All the models studied in the three chapters contain a factor structure, which provides various ways to extract information from large data sets. Chapter 1 and Chapter 2 use the factor structure to capture the comovement of economic variables, where the factors represent the common shocks and the factor loadings represent the heterogeneous responses to these shocks. Common shocks are widely present in the real world, for example, global financial shocks, macroeconomic shocks and energy price shocks. In applications where common shocks exist, failing to capture these common shocks would lead to biased estimation. Factor models provide a way to capture these common shocks.

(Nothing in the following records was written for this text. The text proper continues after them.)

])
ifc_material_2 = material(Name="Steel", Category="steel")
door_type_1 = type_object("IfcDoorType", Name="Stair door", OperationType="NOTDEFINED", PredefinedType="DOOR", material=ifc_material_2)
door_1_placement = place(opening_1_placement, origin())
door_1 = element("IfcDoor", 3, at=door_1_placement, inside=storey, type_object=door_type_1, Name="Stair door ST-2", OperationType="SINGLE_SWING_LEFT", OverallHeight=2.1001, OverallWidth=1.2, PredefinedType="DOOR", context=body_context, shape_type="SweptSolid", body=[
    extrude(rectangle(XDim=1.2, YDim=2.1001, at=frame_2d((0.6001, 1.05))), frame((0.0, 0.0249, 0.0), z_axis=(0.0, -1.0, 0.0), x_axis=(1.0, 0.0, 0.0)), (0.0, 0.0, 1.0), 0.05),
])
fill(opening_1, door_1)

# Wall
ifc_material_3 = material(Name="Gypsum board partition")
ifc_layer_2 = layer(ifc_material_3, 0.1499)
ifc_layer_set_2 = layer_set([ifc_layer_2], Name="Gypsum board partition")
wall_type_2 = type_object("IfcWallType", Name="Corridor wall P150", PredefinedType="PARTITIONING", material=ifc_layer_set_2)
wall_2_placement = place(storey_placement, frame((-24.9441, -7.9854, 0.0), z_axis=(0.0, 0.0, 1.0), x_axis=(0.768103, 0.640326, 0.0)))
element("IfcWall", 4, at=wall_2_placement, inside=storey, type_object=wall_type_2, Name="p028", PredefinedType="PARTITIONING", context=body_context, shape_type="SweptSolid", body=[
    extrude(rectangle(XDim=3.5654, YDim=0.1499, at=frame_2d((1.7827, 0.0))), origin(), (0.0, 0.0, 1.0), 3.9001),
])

In contrast to Chapter 1 and Chapter 2, Chapter 3 directly focuses on the factor model with the loadings being constrained, in order to reduce the number of parameters to be estimated.

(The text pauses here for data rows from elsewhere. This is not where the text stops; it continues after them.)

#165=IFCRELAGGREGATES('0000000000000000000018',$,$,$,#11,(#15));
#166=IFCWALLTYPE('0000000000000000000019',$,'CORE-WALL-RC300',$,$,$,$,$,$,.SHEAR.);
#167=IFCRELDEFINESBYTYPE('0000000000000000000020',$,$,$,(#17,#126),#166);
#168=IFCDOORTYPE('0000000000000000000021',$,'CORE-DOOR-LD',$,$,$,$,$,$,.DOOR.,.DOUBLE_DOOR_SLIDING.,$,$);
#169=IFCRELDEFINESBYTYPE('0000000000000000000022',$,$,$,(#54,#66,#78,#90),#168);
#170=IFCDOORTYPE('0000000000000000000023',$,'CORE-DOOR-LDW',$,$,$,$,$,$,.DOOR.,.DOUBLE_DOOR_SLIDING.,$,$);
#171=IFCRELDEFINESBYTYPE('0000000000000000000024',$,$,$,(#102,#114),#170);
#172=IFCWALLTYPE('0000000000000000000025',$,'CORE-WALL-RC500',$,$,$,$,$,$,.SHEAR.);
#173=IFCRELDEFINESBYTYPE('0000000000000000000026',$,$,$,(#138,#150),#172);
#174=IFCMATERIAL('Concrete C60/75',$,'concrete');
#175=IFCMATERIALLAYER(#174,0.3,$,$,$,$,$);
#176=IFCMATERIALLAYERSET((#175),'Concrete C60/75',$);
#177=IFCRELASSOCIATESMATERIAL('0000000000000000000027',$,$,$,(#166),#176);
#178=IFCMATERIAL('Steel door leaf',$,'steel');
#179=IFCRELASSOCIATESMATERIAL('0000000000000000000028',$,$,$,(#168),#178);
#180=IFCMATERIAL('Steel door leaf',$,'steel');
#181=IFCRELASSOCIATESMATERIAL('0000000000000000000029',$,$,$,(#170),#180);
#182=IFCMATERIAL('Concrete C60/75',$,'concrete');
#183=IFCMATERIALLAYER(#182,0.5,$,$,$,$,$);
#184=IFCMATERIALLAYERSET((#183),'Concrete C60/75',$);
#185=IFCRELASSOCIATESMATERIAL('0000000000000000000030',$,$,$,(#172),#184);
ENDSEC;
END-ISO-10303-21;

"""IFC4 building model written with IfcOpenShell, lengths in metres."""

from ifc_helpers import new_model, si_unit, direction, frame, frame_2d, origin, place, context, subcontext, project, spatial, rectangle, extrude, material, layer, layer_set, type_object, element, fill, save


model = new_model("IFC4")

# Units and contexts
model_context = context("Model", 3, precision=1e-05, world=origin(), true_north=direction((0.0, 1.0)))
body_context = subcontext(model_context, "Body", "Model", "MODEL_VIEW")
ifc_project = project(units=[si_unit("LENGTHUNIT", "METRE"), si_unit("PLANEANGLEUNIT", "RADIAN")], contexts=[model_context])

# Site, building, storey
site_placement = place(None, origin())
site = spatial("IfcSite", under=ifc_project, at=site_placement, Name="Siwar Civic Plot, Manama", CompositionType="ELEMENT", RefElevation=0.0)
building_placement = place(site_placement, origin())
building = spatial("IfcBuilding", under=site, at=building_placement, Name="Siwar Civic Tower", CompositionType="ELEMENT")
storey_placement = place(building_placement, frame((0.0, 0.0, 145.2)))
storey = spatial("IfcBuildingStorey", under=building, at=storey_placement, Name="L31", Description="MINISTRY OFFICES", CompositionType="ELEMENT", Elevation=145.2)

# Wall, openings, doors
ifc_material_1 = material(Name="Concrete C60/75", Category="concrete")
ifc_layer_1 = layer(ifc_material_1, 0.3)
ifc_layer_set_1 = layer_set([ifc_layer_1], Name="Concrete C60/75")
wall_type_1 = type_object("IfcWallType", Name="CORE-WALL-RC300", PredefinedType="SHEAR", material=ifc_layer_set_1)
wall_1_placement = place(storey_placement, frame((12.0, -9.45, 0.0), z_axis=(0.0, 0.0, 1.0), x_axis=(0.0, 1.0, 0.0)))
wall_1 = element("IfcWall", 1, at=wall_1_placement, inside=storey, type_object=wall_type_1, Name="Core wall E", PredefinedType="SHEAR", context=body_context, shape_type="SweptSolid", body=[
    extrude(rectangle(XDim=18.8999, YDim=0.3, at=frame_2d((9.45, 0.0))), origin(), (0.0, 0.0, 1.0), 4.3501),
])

In addition to the common shocks effect, Chapter 1 considers two other effects: spatial effects and simultaneous effects. The spatial effect is present in models where dependent variables are spatially interacted and spatial weights are specified based on location and distance, in a geographic space or in more general economic, social or network spaces. The simultaneous effect comes from the endogeneity of the dependent variables in a simultaneous equations system, and it is important in many structural economic models. A model including all these three effects would be useful in various fields.
In estimation, all the three chapters propose quasi-maximum likelihood (QML) based estimation methods and further study the asymptotic properties of these estimators by providing a full inferential theory, which includes consistency, convergence rate and limiting distribution. Moreover, I conduct Monte-Carlo simulations to investigate the finite sample performance of these proposed estimators.

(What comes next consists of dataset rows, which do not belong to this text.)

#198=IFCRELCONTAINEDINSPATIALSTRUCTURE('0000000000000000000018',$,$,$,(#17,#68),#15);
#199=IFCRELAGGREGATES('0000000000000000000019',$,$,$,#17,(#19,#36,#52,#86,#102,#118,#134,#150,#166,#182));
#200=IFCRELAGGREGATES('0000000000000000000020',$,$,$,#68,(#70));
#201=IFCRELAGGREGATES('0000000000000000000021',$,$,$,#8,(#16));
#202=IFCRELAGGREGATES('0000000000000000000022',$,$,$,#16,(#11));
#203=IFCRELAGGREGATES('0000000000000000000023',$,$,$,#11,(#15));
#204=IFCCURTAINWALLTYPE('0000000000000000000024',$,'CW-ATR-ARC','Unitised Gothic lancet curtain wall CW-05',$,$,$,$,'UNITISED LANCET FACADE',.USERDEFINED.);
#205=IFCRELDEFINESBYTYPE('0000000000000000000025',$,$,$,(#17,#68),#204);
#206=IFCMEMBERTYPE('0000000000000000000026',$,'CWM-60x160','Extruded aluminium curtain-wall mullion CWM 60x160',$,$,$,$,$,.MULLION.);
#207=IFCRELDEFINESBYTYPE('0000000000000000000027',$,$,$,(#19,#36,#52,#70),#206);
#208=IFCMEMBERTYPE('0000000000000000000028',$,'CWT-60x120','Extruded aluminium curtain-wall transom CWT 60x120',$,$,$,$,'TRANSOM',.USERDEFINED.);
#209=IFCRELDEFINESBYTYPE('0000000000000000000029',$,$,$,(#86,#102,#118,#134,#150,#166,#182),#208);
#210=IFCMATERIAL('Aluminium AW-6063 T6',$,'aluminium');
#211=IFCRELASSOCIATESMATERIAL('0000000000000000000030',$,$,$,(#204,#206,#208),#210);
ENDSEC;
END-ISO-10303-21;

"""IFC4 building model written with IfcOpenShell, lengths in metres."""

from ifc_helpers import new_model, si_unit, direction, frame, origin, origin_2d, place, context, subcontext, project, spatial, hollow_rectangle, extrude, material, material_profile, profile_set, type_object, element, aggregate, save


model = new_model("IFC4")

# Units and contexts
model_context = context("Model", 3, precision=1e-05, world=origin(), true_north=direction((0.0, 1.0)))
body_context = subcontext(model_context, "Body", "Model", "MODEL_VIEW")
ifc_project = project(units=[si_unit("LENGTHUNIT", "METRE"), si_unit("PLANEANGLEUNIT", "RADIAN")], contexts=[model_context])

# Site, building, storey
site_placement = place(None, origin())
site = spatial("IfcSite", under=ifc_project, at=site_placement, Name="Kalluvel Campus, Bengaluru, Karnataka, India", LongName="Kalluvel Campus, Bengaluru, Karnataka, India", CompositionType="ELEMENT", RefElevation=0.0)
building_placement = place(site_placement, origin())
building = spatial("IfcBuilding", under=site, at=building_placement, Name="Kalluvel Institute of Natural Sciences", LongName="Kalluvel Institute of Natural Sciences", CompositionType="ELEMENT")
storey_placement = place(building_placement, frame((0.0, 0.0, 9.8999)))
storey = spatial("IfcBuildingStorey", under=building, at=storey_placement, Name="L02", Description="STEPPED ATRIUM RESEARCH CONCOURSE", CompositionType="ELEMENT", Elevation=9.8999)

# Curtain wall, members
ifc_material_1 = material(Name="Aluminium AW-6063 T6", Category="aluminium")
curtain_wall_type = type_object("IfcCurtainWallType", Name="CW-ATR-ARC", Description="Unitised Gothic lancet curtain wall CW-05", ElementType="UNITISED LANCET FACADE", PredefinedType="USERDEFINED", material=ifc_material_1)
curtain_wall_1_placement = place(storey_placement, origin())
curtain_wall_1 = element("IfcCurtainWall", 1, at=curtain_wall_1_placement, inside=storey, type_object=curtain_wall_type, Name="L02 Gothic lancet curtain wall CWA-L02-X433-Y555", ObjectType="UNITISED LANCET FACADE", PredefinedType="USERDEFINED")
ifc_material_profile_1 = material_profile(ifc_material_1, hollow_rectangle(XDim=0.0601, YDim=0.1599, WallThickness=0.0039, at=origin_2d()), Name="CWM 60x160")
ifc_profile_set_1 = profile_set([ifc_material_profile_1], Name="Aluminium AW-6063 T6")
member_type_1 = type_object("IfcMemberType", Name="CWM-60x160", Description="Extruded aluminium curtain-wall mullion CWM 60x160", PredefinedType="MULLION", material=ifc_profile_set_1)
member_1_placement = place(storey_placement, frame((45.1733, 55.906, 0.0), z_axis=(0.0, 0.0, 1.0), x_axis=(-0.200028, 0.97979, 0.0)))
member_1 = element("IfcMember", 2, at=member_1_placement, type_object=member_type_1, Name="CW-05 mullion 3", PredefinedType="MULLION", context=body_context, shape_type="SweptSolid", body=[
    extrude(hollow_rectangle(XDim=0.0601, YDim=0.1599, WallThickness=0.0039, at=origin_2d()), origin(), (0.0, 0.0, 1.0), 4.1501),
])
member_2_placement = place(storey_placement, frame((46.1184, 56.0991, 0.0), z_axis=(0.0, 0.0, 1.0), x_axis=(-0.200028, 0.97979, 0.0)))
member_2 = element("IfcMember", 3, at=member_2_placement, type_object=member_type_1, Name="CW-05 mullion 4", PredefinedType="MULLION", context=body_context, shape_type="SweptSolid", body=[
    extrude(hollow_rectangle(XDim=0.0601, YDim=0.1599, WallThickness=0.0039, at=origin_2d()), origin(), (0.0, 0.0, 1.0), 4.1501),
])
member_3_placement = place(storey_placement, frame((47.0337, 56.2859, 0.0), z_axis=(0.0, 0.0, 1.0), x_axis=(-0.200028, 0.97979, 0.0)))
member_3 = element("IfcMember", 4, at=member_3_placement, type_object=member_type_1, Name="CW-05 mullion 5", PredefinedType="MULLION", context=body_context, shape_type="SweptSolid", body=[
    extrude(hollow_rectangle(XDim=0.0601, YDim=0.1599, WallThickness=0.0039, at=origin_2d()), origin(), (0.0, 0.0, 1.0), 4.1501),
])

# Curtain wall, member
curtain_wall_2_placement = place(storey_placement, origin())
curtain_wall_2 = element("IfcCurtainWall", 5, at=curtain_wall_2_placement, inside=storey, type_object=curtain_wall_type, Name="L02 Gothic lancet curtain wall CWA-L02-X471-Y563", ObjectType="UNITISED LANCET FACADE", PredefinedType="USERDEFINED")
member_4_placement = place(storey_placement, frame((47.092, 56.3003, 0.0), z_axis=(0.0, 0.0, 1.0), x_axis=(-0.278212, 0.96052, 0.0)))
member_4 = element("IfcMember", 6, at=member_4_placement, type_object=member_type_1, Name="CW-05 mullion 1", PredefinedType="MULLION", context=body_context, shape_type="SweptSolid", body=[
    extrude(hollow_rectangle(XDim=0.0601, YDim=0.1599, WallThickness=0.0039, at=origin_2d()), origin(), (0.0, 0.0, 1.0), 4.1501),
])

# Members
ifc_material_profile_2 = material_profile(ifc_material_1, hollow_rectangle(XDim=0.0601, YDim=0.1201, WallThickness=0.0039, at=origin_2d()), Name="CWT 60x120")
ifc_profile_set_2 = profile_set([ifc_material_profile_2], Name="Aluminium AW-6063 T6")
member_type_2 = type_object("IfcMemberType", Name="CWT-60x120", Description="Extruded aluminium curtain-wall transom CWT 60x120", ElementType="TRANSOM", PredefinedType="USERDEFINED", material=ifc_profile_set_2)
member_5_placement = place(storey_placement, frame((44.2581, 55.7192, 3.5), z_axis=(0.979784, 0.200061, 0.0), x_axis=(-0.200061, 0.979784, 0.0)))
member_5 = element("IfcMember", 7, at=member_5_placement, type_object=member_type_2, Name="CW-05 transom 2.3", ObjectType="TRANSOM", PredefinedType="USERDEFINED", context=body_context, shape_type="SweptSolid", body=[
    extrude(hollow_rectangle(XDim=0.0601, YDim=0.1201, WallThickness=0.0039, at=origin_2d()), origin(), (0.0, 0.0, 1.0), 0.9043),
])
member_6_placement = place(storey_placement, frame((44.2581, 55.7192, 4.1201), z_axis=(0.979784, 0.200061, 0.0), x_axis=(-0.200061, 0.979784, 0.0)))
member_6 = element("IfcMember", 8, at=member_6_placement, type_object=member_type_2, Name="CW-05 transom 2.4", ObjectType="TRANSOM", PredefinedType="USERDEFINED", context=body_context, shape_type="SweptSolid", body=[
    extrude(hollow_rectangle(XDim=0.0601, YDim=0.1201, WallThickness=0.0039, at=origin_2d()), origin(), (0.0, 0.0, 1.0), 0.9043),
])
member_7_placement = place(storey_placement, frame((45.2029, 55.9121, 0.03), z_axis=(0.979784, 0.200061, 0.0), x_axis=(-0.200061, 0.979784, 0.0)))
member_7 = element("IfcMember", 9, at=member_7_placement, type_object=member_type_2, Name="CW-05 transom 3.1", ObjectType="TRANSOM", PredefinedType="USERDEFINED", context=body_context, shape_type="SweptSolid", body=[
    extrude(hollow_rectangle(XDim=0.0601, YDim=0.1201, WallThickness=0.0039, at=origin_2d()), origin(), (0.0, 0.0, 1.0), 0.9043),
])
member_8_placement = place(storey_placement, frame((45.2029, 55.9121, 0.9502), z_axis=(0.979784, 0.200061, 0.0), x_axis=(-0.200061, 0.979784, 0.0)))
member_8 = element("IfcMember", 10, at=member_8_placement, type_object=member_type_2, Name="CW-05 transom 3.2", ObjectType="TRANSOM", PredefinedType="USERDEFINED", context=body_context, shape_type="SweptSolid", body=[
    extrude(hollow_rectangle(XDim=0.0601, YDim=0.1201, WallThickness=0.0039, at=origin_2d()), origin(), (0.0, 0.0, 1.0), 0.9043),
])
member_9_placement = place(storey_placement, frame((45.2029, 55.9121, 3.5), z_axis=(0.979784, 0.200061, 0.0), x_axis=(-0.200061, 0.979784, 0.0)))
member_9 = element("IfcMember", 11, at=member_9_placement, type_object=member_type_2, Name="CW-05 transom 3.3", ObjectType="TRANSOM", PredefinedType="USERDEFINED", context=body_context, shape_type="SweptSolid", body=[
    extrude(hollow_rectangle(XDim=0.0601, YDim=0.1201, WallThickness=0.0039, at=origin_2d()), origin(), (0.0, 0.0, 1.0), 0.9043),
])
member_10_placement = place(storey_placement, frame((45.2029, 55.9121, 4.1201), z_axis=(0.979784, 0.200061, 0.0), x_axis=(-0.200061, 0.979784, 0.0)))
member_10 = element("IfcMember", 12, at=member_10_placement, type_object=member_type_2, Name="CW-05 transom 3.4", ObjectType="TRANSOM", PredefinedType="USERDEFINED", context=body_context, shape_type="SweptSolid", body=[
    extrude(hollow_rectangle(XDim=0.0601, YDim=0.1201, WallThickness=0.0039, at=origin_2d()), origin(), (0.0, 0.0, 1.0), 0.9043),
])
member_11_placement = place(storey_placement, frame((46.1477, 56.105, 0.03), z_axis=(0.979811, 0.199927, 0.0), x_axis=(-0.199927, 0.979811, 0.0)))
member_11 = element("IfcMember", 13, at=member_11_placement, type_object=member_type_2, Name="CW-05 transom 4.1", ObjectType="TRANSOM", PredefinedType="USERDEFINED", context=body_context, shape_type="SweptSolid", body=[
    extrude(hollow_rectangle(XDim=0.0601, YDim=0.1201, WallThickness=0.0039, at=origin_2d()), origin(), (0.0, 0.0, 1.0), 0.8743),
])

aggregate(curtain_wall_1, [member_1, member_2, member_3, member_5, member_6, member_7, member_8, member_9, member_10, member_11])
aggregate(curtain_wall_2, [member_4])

Specifically, Chapter 1 considers a simultaneous spatial panel data model with common shocks. Chapter 2 studies a panel data model with heterogenous coefficients and common shocks. Chapter 3 studies a high dimensional constrained factor model.
In Chapter 1, I consider a simultaneous spatial panel data model, jointly modeling three effects: simultaneous effects, spatial effects and common shock effects. This joint modeling and consideration of cross-sectional heteroskedasticity result in a large number of incidental parameters. I propose two estimation approaches, a QML method and an iterative generalized principal components (IGPC) method. I develop full inferential theories for the two estimation approaches and study the trade-off between the model specifications and their respective asymptotic properties. I further investigate the finite sample performance of both methods using Monte-Carlo simulations. I find that both methods perform well and that the simulation results corroborate the inferential theories. Some extensions of the model are considered. Finally, I apply the model to analyze the relationship between trade and GDP using a panel data over time and across countries.
Chapter 2 investigates efficient estimation of heterogeneous coefficients in panel data models with common shocks, which have been a particular focus of recent theoretical and empirical literature. It proposes a new two-step method to estimate the heterogeneous coefficients. In the first step, a QML method is first conducted to estimate the loadings and idiosyncratic variances. The second step estimates the heterogeneous coefficients by using the structural relations implied by the model and replacing the unknown parameters with their QML estimates. Further, Chapter 2 establishes the asymptotic theory of the estimator, including consistency, asymptotic representation, and limiting distribution. The two-step estimator is asymptotically efficient in the sense that it has the same limiting distribution as the infeasible generalized least squares (GLS) estimator. Intensive Monte-Carlo simulations show that the proposed estimator performs robustly in a variety of data setups.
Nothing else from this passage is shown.